Tuesday 15 October 2019

The Books of My Life: The Office

Drawing on interviews with creators and production personnel and historical and cultural analysis Ben Walters (The Office (London: BFI, BFI TV Classics series, 2005)) explores the origins of the BBC Two docusoap The Office, a television which was transmitted for two seasons and a two part Christmas special between 2001 to 2003.

Like any social and cultural phenomenon The Office, as Walters notes, did not originate in a vacuum. Walters argues that on one level The Office is a product of the dog eat dog world of neoliberal corporate capitalism and the fears, anxieties, alienation, and absurdities of clerical office work in that brave new postmodern world of neo Ebenezer Scrooge capitalism. On another level, as Walters notes, The Office is the product of the merging of situation comedy and the documentary, a trend that can be seen in the rise of narrative form reality TV stretching back to An American Family (PBS, 1971) and its British cousin The Family (BBC, 1974) and the impact of these docudramas on films like the mockumentary This is Spinal Tap (1984), situation comedies such as The Royale Family (BBC, 2006-2012), and and mock news shows like Brass Eye (C2, 1997, 2001).
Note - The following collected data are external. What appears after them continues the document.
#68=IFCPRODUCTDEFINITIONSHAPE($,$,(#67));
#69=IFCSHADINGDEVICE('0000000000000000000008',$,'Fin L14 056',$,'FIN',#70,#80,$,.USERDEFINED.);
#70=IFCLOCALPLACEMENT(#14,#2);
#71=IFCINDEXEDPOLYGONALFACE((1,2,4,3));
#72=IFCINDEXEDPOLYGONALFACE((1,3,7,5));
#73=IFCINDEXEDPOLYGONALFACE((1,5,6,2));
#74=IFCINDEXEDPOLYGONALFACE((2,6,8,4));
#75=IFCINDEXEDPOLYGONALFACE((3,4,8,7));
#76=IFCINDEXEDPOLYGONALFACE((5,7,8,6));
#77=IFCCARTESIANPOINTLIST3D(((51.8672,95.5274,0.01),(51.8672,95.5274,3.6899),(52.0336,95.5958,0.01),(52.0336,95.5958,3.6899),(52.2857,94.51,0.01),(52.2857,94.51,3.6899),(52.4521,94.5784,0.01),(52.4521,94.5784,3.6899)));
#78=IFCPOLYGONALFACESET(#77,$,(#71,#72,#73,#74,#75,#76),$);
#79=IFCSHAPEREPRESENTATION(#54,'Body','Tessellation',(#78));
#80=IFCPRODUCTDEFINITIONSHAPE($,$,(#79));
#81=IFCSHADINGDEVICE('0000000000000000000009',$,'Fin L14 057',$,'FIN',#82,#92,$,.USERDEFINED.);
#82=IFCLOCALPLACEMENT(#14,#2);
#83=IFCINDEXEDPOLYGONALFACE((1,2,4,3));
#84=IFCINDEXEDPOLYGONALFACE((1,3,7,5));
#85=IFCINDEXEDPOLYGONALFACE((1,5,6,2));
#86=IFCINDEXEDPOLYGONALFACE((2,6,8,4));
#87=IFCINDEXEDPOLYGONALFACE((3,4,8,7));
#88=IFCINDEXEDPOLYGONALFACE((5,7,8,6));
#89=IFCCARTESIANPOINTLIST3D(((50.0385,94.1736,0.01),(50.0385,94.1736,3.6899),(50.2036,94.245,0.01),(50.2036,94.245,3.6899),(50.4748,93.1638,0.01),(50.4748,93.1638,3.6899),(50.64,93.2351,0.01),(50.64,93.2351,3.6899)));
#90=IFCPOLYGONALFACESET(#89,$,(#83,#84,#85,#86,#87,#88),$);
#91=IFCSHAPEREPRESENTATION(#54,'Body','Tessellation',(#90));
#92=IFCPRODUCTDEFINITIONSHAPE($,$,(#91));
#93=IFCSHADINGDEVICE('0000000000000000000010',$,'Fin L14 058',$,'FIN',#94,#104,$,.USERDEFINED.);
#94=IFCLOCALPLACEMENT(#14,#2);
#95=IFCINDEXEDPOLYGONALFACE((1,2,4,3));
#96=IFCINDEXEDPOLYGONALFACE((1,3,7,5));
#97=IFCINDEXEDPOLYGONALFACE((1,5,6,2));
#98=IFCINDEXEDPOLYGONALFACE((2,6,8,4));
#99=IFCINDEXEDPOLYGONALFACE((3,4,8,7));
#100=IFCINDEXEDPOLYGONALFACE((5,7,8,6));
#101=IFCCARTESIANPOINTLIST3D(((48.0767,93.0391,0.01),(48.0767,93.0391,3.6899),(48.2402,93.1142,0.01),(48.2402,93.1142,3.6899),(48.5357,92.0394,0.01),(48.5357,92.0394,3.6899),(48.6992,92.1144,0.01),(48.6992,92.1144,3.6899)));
On still another level, as The Office co-creators Ricky Gervais and Stephen Merchant, note in interviews, The Office is the product of the movies of Woody Allen--one presumes Take the Money and Run (1969) in particular--and American situation arc comedies such as Seinfeld (NBC, 1989-1998).
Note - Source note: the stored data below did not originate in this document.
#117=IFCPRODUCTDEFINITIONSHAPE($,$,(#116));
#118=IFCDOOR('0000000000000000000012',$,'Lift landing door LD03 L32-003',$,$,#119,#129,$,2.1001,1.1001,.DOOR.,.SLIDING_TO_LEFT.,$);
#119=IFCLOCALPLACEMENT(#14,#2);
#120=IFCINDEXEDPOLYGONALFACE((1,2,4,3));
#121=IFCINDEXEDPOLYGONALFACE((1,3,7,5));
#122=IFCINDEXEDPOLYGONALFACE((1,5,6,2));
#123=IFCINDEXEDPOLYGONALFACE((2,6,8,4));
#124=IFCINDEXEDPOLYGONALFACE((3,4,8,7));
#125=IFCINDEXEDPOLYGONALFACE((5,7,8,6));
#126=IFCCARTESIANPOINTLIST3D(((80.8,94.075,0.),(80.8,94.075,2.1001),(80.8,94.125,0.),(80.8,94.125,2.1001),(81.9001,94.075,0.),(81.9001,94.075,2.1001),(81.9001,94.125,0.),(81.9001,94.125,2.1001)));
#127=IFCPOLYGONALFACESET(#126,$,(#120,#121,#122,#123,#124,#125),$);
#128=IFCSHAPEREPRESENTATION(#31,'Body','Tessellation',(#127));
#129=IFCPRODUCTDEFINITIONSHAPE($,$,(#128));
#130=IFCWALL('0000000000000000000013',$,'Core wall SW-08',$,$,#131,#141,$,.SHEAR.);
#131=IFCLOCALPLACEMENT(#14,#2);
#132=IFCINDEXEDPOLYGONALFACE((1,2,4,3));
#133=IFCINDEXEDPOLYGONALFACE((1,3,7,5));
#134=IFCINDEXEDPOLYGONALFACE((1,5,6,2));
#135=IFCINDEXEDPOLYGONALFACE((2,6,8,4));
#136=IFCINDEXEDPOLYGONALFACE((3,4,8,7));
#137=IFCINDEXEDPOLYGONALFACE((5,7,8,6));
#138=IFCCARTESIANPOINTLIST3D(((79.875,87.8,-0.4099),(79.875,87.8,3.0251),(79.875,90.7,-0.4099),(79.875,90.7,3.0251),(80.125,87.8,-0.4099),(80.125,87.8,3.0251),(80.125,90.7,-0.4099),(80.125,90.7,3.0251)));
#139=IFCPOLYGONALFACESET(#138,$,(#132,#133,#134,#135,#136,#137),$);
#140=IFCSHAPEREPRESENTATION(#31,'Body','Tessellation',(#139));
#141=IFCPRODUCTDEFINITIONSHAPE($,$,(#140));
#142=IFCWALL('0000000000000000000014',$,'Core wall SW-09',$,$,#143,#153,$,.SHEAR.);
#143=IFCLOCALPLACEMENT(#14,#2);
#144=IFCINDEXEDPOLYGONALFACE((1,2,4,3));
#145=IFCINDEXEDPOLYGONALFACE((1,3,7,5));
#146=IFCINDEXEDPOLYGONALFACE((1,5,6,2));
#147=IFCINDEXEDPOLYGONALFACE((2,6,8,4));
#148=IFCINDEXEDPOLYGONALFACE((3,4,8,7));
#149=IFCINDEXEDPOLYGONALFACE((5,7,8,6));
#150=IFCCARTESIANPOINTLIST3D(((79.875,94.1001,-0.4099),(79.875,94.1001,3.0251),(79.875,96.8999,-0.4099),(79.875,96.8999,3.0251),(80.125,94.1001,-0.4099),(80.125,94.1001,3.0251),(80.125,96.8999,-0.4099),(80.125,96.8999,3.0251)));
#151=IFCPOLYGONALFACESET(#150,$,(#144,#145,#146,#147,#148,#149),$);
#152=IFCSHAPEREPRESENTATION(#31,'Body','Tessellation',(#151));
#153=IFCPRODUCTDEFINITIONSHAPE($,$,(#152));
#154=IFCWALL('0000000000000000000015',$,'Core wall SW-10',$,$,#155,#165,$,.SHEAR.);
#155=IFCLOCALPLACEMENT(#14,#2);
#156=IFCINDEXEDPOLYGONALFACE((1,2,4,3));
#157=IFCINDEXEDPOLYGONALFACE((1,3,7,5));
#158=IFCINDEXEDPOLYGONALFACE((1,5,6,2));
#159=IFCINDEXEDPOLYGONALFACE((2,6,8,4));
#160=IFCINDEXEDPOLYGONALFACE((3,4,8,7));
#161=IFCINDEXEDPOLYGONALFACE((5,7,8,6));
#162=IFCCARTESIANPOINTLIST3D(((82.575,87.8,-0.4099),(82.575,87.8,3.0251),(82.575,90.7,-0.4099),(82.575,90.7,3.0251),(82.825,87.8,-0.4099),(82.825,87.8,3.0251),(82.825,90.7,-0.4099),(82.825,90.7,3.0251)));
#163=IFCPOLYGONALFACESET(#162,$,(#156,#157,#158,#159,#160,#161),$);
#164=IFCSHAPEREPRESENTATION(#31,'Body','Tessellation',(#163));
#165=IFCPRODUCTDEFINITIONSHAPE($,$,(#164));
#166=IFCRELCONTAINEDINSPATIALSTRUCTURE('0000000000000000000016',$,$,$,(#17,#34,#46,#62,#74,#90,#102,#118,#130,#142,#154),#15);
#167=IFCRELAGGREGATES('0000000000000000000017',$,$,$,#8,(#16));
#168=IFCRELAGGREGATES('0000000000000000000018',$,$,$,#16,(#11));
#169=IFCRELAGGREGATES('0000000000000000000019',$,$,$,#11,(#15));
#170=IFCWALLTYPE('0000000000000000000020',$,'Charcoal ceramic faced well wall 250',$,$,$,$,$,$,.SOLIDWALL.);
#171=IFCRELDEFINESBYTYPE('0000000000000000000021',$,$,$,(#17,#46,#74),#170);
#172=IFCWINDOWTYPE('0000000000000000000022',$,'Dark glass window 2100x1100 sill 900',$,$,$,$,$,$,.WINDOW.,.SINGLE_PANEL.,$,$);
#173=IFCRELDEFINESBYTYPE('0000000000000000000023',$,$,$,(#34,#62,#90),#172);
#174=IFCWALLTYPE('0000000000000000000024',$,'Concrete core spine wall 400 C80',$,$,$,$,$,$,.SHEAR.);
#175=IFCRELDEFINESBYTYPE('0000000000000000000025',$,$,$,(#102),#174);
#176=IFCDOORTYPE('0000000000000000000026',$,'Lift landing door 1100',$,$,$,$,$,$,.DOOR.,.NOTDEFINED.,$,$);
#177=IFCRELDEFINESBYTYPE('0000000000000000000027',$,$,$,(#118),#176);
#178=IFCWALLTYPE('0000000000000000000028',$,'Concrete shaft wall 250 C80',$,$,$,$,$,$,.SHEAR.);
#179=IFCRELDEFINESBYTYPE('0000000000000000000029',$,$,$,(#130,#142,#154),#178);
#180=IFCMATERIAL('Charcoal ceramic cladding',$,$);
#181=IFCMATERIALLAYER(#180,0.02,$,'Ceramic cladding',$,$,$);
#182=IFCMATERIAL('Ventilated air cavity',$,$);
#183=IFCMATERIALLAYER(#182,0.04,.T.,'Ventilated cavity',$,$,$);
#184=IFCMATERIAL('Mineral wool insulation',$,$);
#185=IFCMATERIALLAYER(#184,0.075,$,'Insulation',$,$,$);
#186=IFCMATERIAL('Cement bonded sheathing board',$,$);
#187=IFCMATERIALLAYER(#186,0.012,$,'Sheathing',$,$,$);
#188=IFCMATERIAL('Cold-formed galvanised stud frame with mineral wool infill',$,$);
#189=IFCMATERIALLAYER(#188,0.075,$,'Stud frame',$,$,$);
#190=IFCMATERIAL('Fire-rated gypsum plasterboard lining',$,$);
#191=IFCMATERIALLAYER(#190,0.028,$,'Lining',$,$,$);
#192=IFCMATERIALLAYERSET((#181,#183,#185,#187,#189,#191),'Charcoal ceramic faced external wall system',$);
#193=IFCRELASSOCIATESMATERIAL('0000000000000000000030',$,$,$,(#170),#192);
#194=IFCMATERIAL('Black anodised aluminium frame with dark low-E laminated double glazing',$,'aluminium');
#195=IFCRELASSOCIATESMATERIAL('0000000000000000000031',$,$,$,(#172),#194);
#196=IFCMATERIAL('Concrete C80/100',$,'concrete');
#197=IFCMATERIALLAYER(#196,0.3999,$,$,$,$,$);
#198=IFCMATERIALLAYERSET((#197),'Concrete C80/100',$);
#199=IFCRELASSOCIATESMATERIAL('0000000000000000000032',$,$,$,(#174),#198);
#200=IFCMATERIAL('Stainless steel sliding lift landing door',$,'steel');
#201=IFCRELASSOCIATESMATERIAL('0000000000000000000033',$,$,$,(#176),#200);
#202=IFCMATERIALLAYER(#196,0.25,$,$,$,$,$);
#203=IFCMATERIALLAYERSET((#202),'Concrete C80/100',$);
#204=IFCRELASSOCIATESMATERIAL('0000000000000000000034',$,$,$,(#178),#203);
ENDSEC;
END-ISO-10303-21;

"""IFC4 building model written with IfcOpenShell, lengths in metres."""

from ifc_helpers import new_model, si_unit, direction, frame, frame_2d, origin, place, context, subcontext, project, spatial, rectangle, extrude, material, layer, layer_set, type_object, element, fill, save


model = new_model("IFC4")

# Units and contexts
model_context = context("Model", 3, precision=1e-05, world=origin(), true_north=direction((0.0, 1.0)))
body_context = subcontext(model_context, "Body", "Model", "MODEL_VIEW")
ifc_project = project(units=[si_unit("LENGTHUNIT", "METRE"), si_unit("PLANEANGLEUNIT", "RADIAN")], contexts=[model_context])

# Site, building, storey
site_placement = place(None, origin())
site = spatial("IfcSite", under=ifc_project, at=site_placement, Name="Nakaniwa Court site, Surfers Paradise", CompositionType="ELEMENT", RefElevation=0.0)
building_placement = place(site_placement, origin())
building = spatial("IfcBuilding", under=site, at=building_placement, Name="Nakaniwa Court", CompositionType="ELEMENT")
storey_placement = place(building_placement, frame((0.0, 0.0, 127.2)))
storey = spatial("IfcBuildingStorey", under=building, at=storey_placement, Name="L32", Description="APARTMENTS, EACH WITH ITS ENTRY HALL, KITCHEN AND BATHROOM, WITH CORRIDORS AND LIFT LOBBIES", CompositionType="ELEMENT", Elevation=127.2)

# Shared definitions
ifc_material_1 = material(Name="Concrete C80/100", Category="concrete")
Though The Office has always left me somewhat cold Walters books is an interesting book on an interesting TV series. I recommend it to anyone interested in documentaries, situation comedies, the history of television and film, and the impact of neoliberalism on the media.

Tuesday 1 October 2019

The Books of My Life: Edge of Darkness

Between the 1970s and 1980s British television drama changed, writes John Caughie in his book Edge of Darkness (London: BFI, BFI TV Classics series, 2007). The 1970s saw the decline of the single play with its theatrical look and which had been a prominent part of British TV since its beginnings and the subsequent rise of the quality television serial with its more filmic look. Among these new dramatic quality serials was Troy Kennedy Martin's Edge of Darkness.

Edge of Darkness was first transmitted between 4 November and 9 December 1985 on BBC Two and almost immediately rerun on the more popular of the BBCs channels, BBC One. Caughie's book explores the production contexts of the serial and what writer Kennedy, director Martin Campbell, producer Michael Wearing, designer Graeme Thomson, musicians Eric Clapton and Michael Kamen, and the actors, among them Bob Peck, Joe Don Baker, and Joanne Whalely, brought to the show.  It explores the broader political and economic contexts of the show including Thatcherism, worker strikes, tensions between the great powers, anti-nuclear activism, environmental activism, and ecological theory. It explores the generic contexts of Edge of Darkness noting that the show novelly mixes the spy thriller with the ecological theory of Gaia and its almost magical conception of the planet.

For Caughie Edge of Darkness is, as the name of the series of which Caughie's book is a part, a television classic. Edge, Caughie notes, has been a critical favourite and was listed by a panel of TV professionals as the "third greatest TV drama of all time". The response of viewers at the time, including Caughie, to Edge, claims Caughie though with little qualitative evidence and no quantitative evidence, was one of telephilia. The show had an emotional and intellectual impact on viewers making it memorable to them in the process, so memorable that Edge carries with it the political tenor of its time in the minds of those who watched it when it was first transmitted and who rewatch it on DVD or in rerun.

Caughie's Edge of Darkness is an interesting book about a very interesting television serial. Recommended to those interested in the history of British television, quality television serials, the spy thriller, and the impact of great power tensions and the environmental movement on television.